Guided by this desire, I decided to submit a paper for the prize to be awarded in 1887 by the Philosophical Faculty of Göttingen. The subject to be discussed was, “The Nature of Energy.” After I had completed my paper, in the spring of 1885, I was offered the associate professorship in theoretical physics at the University of Kiel. This offer came as a message of deliverance. The moment when I paid my respects to Ministerial Director Althoff in his suite in the Hotel Marienbad, and he informed me of the particulars and conditions of my appointment, was, and will always be, one of the happiest of my life. For even though my life in my parents’ house was as beautiful and contented as any man could wish for, my longing for independence kept growing within me, and I was yearning for a home of my own.

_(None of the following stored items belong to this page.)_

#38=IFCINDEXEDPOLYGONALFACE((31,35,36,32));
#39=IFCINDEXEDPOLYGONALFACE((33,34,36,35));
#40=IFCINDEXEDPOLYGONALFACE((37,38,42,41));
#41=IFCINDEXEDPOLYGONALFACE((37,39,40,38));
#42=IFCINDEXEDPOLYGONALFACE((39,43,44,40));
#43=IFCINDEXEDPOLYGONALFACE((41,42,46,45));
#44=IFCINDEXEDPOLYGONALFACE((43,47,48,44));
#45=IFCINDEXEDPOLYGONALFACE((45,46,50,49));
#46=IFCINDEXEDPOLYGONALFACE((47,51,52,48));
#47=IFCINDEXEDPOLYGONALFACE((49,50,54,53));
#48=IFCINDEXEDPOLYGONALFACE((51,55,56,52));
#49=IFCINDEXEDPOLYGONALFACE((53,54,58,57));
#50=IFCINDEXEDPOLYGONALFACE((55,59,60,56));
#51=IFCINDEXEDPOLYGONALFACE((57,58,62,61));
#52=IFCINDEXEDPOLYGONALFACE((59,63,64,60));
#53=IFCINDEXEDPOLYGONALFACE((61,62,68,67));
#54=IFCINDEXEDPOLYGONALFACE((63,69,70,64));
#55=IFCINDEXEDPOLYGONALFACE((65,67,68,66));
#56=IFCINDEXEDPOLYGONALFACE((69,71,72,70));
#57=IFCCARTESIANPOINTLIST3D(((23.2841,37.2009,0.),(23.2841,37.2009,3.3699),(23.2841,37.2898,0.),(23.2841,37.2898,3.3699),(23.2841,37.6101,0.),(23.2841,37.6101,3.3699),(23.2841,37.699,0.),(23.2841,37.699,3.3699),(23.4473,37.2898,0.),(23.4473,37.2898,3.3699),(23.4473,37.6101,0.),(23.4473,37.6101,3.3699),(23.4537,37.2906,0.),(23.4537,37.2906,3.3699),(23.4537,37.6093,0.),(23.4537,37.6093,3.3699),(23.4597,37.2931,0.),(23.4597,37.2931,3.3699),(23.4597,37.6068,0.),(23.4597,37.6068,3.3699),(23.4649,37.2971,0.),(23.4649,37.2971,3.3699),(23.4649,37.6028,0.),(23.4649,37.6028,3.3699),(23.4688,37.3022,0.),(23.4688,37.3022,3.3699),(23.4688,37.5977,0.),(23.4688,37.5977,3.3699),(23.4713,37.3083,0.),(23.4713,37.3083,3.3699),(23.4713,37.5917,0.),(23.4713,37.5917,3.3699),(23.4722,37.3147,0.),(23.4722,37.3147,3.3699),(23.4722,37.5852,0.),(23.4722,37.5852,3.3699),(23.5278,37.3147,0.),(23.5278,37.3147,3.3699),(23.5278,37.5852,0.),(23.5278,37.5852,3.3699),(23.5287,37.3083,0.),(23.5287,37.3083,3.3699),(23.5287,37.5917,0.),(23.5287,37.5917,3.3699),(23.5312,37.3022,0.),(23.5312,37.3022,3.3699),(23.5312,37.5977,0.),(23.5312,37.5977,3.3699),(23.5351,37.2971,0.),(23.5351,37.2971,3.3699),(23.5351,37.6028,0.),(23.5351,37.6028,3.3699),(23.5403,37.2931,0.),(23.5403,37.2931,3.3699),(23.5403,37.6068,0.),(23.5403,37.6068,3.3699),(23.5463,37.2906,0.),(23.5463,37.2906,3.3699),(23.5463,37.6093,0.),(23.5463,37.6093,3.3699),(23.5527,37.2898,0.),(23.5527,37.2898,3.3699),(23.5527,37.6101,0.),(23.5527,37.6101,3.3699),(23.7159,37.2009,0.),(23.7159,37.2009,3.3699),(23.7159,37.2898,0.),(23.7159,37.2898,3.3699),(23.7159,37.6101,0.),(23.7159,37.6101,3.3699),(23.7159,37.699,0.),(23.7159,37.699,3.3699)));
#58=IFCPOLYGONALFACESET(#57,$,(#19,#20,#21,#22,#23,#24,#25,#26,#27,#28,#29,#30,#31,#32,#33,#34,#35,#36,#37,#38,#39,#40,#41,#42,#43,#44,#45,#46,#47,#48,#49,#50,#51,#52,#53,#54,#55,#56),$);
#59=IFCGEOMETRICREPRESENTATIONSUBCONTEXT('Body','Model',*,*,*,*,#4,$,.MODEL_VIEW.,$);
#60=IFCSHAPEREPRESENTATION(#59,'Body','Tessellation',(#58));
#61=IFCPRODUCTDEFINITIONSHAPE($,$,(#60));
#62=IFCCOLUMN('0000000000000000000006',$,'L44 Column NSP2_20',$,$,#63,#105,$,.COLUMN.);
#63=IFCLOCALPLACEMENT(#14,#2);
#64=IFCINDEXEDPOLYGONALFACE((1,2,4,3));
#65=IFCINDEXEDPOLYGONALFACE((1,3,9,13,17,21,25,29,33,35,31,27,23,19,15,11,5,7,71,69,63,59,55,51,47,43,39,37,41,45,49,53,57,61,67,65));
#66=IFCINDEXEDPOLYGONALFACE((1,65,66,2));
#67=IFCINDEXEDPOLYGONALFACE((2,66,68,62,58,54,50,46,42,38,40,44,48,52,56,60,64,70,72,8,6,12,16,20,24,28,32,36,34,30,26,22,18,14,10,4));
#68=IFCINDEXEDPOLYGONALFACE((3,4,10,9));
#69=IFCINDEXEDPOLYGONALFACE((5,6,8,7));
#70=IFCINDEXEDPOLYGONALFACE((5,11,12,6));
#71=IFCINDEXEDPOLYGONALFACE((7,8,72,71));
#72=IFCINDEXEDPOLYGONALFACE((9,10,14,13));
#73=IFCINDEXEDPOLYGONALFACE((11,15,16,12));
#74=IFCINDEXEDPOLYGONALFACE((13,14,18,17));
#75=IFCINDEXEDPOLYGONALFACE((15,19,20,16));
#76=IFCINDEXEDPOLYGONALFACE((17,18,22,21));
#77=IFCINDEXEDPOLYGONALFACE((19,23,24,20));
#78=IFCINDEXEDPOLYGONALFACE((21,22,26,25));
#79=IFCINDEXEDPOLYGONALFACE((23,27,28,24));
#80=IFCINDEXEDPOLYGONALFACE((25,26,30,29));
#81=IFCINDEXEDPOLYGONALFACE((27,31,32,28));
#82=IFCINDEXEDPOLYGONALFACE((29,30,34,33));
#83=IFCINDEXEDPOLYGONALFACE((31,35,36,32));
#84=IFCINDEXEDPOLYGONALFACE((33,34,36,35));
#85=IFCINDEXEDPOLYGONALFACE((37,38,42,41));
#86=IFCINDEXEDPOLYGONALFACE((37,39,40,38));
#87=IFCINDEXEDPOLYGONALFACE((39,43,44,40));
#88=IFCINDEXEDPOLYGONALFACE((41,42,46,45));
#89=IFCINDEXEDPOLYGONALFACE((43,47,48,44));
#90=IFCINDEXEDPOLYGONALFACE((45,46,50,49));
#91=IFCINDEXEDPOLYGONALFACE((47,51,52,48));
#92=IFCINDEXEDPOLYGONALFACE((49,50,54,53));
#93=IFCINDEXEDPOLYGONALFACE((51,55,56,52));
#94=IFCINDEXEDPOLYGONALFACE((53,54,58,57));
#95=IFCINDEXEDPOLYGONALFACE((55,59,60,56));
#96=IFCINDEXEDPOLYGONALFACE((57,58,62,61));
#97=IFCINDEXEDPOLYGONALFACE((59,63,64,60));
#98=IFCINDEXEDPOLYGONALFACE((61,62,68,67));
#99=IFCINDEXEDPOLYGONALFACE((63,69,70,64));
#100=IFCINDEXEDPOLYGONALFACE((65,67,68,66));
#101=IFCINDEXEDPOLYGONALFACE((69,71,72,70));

To be sure, I suspected, and by no means without reason, that this smile of good fortune was actually not so much a reward for my scientific accomplishments as a practical result of the circumstance that Gustav Karsten, Professor of Physics in Kiel, happened to be a close friend of my father. Nevertheless, this realization could not mar my supreme happiness, and I was firmly resolved to justify the confidence in me in every way in my power.

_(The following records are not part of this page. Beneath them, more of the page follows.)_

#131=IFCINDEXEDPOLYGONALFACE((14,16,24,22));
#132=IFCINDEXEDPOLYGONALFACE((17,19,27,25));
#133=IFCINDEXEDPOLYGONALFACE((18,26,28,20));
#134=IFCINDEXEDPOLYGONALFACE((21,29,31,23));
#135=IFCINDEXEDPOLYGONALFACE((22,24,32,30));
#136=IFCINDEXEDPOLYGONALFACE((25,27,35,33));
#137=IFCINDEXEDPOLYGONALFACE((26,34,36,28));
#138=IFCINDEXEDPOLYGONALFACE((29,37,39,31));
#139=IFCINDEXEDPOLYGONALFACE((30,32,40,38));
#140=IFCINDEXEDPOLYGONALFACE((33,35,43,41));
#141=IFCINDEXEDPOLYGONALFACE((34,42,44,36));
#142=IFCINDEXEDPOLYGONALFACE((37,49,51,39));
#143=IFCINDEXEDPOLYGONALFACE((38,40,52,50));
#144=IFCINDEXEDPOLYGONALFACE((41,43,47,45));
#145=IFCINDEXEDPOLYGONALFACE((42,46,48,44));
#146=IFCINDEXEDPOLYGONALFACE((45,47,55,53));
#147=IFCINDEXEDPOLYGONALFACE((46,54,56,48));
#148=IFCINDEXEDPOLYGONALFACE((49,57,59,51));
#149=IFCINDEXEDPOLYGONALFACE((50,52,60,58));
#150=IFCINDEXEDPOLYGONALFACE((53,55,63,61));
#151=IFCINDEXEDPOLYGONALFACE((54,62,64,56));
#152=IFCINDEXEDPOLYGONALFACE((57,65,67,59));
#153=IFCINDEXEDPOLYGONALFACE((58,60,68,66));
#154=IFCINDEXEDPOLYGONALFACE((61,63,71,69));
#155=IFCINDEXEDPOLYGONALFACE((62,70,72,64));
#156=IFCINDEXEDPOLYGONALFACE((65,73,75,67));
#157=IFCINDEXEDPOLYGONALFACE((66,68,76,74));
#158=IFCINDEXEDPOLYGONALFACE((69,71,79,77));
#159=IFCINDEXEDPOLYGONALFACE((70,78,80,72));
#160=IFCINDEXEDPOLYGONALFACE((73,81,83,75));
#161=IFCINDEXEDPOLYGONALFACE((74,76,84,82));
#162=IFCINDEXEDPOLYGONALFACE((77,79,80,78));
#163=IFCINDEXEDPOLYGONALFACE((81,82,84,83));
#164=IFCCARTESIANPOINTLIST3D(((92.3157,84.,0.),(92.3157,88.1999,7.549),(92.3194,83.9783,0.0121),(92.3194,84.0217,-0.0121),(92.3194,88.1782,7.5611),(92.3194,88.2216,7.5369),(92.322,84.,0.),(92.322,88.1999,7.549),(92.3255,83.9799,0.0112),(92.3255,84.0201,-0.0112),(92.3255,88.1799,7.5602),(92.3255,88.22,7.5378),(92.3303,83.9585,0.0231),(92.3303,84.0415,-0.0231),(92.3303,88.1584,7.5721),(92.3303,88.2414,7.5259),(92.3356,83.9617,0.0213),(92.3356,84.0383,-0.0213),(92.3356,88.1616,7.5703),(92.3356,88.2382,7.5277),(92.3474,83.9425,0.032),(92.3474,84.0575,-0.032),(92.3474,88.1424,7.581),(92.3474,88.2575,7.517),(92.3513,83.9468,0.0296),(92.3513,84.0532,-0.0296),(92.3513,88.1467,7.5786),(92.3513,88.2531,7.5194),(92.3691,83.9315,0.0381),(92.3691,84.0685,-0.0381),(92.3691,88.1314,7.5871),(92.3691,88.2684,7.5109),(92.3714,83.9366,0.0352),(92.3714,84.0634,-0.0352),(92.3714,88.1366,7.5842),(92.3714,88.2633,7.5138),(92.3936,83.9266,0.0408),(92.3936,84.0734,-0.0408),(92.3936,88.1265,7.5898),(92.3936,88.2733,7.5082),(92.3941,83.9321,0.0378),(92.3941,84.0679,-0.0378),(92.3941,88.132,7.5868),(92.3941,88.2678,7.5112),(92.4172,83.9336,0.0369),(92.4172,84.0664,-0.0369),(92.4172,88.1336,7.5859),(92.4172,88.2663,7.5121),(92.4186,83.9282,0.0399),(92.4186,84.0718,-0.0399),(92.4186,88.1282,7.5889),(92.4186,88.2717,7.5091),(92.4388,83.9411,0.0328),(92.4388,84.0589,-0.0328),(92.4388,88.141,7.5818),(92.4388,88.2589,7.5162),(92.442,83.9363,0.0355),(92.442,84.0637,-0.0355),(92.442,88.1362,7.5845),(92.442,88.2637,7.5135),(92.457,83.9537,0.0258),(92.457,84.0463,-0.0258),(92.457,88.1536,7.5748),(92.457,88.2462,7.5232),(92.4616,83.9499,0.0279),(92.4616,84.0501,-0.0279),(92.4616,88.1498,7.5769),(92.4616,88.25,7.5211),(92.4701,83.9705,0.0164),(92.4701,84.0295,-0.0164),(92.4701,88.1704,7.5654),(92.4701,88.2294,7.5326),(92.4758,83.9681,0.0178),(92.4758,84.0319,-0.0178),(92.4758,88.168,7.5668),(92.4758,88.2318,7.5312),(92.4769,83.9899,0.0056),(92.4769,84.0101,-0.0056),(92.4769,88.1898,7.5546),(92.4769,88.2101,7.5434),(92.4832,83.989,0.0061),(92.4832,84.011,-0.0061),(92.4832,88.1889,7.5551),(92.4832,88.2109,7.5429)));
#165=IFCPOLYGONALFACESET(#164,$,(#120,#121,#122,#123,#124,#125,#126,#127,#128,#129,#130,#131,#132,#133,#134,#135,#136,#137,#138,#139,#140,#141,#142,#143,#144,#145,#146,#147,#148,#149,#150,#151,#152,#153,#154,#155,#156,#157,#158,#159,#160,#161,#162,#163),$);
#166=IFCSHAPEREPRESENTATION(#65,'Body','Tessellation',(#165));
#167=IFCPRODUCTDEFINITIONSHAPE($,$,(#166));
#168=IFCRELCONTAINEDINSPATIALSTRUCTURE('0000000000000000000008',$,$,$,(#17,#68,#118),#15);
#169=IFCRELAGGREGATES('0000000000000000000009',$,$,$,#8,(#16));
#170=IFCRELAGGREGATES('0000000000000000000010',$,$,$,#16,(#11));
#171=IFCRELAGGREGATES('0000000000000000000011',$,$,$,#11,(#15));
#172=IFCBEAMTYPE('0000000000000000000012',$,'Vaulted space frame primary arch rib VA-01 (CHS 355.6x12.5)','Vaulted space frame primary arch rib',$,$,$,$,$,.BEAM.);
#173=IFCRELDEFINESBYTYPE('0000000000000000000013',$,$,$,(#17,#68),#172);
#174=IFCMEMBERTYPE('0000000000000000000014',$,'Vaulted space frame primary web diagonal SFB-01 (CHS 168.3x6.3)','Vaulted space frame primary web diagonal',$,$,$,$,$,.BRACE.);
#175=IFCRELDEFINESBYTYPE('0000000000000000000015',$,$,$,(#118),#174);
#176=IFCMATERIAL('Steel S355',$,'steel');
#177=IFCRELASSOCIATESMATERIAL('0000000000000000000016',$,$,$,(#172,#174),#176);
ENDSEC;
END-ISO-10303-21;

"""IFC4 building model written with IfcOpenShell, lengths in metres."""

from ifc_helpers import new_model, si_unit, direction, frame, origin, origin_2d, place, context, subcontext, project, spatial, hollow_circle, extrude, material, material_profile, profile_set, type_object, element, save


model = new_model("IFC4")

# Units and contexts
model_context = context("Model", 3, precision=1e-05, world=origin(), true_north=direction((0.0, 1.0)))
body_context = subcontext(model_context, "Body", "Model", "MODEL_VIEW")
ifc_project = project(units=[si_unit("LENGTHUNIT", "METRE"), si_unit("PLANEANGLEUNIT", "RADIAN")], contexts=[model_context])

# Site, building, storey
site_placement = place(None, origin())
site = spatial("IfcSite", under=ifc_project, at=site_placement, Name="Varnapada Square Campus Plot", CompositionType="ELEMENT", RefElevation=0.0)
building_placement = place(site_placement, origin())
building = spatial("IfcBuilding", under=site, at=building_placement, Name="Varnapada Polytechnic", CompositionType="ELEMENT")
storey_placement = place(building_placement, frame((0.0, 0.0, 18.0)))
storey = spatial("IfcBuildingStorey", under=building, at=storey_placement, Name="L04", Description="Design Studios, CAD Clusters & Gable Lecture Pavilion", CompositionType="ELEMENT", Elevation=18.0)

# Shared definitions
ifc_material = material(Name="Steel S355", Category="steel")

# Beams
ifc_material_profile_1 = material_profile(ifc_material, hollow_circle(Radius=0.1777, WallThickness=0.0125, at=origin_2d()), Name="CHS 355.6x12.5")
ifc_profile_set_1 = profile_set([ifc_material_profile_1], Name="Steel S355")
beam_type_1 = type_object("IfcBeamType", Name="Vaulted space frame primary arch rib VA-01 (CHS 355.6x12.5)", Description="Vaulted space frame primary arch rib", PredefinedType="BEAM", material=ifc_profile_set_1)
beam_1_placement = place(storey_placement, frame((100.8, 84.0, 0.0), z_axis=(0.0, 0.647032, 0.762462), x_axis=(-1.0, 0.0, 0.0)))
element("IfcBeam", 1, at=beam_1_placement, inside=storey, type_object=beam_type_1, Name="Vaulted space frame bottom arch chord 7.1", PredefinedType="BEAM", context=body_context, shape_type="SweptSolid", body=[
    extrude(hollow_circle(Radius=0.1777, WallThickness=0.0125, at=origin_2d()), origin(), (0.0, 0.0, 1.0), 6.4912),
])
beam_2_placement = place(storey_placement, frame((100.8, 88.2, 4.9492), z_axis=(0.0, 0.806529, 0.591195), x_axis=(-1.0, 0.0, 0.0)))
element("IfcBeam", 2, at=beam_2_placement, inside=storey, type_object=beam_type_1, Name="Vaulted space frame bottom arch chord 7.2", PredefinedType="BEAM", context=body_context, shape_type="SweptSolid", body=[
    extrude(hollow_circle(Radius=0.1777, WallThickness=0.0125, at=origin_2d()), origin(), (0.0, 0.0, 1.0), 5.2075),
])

I soon moved to Kiel, where I put the finishing touches on my paper, and submitted it in Göttingen. It won second prize. Besides my entry, two other papers had been submitted on the subject, but these two were awarded no prize at all. Obviously, I was wondering why my paper had failed to win first prize, and I found the answer in the text of the detailed decision of the Faculty of Göttingen. The judges set forth a few points of criticism of minor import, and then stated: “Finally, the Faculty must withhold its approval from the remarks in which the author tries to appraise Weber’s Law.” Now, the story behind these remarks was: W. Weber was the Professor of Physics in Göttingen, between whom and Helmholtz there existed at the time a vigorous scientific controversy, in which I had expressly sided with the latter. I think that I make no mistake in considering this circumstance to have been the main reason for the decision of the Faculty of Göttingen to withhold the first prize from me. But while with my attitude I had incurred the displeasure of the scholars of Göttingen, it gained me the benevolent attention of those of Berlin, the results of which I was soon to feel.
No sooner had I finished my paper for Göttingen than I returned to my favorite subject, and wrote a number of monographs, which I published under the collective title, On The Principle of the Increase of Entropy. In these articles I discussed the laws of chemical reactions, of the dissociation of gases, and finally the properties of dilute solutions. With respect to the latter, my theory led to the conclusion that the values of the lowering of the freezing point, observed in many salt solutions, could be explained only by a dissociation of the substances dissolved, and that this finding constituted a thermodynamic foundation for the electrolytic dissociation theory advanced by Svante Arrhenius approximately at the same time. This conclusion, unfortunately, got me into an unpleasant conflict. For Arrhenius challenged, in a rather unfriendly manner, the admissibility of my arguments, pointing out that his theory related to ions, i.e. electrically charged particles. I could reply only that the laws of thermodynamics were valid regardless of whether or not the particles carried a charge.